One course? That’s easy (or a cop-out). I’ll phrase it religiously: All that God made and did, and what we did with it.
This is a good topic!
I’ve thought about this for awhile. These sounded interesting to me:
Intro. To Spanish, and then Conversational Spanish
The same courses in German
Spinning and Weaving
Astronomy
Homeowner’s How-To Fix Anything That Breaks Down In The House
(I don’t think that this course is availble)
Drawing, Painting,
Dulcimer-making
Clogging (a type of dance)
What an interesting question!
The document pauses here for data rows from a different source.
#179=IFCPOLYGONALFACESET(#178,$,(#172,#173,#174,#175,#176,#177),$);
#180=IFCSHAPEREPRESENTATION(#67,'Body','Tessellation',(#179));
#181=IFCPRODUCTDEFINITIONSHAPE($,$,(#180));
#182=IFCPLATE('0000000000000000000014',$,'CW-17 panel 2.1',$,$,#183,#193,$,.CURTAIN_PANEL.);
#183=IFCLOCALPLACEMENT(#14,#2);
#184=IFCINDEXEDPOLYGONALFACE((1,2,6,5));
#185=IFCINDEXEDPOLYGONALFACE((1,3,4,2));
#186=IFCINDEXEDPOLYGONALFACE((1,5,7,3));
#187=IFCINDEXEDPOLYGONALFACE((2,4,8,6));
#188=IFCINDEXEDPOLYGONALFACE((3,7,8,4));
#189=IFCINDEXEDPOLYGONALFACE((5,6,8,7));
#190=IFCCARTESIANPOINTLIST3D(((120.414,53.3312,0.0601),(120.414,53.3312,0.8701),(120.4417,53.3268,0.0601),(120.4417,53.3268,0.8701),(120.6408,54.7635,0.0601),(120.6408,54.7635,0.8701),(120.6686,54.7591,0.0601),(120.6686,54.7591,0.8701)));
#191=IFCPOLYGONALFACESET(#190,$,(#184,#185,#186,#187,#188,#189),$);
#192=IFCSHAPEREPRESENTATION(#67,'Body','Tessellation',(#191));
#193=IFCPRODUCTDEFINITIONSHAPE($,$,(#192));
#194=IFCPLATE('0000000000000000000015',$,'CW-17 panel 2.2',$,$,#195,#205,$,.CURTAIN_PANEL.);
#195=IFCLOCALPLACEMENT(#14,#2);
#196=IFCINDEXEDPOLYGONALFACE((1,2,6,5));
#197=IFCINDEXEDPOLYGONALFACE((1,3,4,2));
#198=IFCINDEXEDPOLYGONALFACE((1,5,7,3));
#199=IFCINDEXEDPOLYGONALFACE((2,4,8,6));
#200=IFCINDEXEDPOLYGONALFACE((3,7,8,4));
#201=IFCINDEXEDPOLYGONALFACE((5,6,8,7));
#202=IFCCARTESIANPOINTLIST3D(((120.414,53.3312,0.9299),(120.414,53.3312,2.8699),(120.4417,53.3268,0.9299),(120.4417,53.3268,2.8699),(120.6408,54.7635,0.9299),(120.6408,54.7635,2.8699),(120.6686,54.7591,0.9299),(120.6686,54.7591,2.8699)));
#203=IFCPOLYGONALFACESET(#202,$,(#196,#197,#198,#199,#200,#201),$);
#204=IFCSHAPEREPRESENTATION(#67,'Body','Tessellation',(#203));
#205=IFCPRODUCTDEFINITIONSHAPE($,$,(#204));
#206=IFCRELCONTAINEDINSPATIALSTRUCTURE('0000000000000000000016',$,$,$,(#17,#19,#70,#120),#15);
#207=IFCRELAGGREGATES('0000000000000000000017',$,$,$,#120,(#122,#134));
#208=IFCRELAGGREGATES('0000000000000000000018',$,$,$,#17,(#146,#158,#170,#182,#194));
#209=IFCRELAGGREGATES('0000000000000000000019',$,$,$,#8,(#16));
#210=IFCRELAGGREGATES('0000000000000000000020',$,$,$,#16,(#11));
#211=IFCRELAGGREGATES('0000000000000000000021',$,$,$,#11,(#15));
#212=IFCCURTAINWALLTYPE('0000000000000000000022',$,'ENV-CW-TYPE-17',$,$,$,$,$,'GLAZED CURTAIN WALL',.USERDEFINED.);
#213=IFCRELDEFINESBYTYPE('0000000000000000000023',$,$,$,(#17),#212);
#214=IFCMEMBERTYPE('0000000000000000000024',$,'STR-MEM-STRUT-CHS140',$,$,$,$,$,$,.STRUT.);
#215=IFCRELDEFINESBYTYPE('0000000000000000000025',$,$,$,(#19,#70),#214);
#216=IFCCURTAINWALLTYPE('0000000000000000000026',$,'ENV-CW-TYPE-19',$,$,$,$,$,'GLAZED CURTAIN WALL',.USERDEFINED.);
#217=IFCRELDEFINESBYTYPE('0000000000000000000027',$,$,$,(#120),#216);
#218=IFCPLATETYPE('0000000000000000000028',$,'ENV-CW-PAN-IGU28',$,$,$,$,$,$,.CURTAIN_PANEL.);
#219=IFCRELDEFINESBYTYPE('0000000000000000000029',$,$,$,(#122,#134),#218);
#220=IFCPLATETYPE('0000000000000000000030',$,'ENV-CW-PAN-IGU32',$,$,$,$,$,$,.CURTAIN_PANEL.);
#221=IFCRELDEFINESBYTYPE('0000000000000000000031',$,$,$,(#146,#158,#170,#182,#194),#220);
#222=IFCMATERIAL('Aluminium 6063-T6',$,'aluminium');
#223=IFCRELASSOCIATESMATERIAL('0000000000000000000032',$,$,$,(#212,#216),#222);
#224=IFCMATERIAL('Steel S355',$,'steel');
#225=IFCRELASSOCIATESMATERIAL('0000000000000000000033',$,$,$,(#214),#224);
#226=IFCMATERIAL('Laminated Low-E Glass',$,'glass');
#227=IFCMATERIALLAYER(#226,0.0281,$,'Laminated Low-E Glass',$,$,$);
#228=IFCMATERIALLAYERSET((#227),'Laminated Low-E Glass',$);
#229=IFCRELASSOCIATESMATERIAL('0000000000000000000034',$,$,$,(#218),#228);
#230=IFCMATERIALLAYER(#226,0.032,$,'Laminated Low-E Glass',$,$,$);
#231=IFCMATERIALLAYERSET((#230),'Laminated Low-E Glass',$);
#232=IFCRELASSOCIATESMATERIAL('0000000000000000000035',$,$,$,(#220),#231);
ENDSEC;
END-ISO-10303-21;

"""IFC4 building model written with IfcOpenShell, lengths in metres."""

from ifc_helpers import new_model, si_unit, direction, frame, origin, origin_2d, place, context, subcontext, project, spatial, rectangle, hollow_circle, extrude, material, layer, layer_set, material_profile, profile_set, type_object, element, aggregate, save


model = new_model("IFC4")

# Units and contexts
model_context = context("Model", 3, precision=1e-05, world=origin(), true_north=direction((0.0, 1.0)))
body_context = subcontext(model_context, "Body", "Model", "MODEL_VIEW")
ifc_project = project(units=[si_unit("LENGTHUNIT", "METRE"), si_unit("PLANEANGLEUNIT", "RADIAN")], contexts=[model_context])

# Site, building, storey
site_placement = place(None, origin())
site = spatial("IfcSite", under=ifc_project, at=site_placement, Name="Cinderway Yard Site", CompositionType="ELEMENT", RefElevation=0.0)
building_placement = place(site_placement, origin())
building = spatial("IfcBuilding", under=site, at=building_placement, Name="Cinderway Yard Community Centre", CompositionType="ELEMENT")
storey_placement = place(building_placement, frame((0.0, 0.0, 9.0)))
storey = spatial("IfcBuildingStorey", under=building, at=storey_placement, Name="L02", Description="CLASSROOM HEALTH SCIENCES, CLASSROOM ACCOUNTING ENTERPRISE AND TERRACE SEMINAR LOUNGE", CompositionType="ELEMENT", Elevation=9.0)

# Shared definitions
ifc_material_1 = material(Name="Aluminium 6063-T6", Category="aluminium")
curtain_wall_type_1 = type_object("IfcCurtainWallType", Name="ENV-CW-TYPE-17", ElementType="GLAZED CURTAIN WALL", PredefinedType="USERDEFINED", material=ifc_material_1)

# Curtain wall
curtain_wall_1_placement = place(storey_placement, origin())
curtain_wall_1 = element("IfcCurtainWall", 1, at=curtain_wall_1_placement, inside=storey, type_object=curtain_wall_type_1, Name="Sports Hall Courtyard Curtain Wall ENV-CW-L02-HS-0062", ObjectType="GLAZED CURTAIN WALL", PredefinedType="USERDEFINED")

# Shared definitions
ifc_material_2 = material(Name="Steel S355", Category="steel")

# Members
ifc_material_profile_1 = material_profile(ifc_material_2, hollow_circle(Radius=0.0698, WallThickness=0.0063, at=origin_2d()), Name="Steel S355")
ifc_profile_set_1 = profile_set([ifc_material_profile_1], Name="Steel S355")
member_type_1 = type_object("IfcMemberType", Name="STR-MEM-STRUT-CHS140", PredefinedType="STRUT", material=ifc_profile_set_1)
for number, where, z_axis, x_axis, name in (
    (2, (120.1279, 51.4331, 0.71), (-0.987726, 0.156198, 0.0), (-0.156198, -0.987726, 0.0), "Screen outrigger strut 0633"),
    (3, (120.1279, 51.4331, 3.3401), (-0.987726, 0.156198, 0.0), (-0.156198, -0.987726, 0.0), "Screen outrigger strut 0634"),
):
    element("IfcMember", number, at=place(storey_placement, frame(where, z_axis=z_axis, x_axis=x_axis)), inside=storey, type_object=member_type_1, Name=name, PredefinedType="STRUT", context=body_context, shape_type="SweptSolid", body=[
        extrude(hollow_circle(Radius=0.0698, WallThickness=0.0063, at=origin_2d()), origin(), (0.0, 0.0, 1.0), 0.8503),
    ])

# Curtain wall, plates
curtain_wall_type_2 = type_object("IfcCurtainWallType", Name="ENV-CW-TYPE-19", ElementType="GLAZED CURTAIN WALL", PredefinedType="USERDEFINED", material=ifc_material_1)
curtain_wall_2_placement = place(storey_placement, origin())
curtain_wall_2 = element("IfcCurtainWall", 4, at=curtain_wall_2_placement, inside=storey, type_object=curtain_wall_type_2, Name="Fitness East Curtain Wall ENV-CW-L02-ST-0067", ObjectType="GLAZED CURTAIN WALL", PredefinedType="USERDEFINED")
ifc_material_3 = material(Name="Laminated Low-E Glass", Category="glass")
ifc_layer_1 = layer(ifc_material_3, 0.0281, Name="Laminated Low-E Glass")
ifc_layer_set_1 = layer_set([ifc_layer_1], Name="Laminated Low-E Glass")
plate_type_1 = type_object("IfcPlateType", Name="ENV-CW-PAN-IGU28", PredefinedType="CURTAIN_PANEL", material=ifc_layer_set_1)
I guess I would have to categorize:
Aviation
Finish my tailwheel endorsement
Finish my complex aircraft endorsement
Beginning aerobatics
Instrument flight
Art
Introduction to oil, acrylic and watercolor painting, technique-driven
Drawing
Perspective
Drafting
Sculpture
Language
Intermediate/advanced Japanese (after a refresher course to scrape the rust off) Just so long as it doesn’t involve long hours studying kanji.
Tech
Intermediate Web design
RoboHelp/Madcap Flare
Misc.
Cooking
Household maintenance (how to make repairs without making things worse)
Piano
School was wasted on me, unfortunately. At the time, I blamed myself for not knowing everything already (a common malady of the young and arrogant). I wound up butting heads with more than a few university art professors who also thought I should know everything already and should start making Great Things For Them to Tear Apart In Critique. I spent a lot of time daydreaming in classes that forced me to just sit and listen.
I discovered I learn best when fully engaged, with a paintbrush, sculpture tools or set of controls in my hands, doing things at that very moment. I learned all my kanji on train station platforms, where knowing the difference between kaisoku and kakueki meant the difference between getting to work on time or watching my stop sail by. Unfortunately, the full immersion Japanese and aviation courses are prohibitively expensive these days, and I haven’t found an art techniques class that fits yet.
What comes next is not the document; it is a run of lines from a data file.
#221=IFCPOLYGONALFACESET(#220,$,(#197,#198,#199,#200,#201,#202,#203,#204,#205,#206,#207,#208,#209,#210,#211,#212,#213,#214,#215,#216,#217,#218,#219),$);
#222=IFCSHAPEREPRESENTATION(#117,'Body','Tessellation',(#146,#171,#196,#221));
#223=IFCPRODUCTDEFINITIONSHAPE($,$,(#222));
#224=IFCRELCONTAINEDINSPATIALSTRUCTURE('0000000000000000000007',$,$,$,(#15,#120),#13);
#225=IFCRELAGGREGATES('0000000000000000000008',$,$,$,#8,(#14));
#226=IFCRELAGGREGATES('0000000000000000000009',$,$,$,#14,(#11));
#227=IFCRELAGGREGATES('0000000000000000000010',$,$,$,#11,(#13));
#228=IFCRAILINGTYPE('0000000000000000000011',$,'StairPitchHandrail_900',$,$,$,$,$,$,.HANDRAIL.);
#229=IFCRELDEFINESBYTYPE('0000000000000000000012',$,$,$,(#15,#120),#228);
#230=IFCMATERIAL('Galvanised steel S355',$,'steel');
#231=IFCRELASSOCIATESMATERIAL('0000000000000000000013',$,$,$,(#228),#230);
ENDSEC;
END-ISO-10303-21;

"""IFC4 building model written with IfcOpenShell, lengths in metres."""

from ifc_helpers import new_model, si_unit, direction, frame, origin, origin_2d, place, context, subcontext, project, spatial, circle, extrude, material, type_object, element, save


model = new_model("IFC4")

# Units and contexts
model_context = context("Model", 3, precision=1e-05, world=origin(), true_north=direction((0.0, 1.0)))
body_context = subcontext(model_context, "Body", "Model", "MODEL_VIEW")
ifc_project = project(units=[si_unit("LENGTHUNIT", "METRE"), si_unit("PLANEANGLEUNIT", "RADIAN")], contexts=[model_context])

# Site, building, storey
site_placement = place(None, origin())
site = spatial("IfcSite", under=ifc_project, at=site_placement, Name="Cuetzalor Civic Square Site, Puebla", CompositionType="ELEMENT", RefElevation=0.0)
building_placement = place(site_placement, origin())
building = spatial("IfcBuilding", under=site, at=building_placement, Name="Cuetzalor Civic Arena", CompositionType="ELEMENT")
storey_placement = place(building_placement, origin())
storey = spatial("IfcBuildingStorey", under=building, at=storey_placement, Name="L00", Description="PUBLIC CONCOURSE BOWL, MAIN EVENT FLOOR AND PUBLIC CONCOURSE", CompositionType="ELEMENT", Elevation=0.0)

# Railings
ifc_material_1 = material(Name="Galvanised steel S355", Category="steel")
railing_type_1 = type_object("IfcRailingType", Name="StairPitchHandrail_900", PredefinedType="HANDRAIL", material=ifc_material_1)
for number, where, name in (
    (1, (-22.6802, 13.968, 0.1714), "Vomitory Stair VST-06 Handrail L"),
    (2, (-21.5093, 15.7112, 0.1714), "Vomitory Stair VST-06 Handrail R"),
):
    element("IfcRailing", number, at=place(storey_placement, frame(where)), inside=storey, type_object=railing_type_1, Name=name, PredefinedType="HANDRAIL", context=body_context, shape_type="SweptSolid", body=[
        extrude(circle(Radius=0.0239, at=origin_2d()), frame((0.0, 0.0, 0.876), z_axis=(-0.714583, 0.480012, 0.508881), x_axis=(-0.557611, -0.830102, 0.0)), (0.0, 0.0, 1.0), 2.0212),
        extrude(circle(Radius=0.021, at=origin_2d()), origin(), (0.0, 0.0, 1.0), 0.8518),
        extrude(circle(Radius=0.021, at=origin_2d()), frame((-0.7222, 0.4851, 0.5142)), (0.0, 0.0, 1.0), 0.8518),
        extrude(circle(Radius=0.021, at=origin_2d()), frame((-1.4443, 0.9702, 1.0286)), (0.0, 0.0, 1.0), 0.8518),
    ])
Wendy, that’s like a thousand years of college right there. 🙂 I take it you’ll be my classmate in Heavenly University? I’m going to have my own carrel in the library.
I would take courses in gardening, so that my garden would be an adventure in color throughout the summer.
Wendy, can we send my daughter to those profs? She already knows everything. If she doesn’t know it, we don’t know it either. If this is age 7, I dread 14!
Just the other day I remarked that Heaven is going to be the best Honors seminar ever, and one of my friends remarked that for me, Heaven *would* be an Honors seminar.
If I could take any class–I would spend the rest of my life in the Honors program. Here, it’s a twice-weekly class on the Great Books, which students discuss amongst themselves. Taught by anybody–I love all my Honors professors (who are more like zookeepers than teachers) but if I had to pick I’d say the one I had first semester, dear Dr. S. Crusty old fellow who thinks people should learn for the sake of gaining knowledge, not taking tests. I love him.
Reading Wendy’s answer made me remember how much I’d like to learn to fly. Of course, in Heaven, I’d have actual hand-eye co-ordination, right? So I wouldn’t be a complete and total liability?
And can my dream instructor be a fictional person? 😀
I’m also fascinated by languages. I’d love to take Russian up again (I only ever managed a year of it at school, and I can’t get much beyond the alphabet) and I’d love to know more about things like how they figured out Linear B and hieroglyphics.
I don’t think it would much matter to me what the course was on, as long as it was taught by someone knowledgeable and enthusiastic. But I definitely want a physics course taught by Richard Feynman in there somewhere.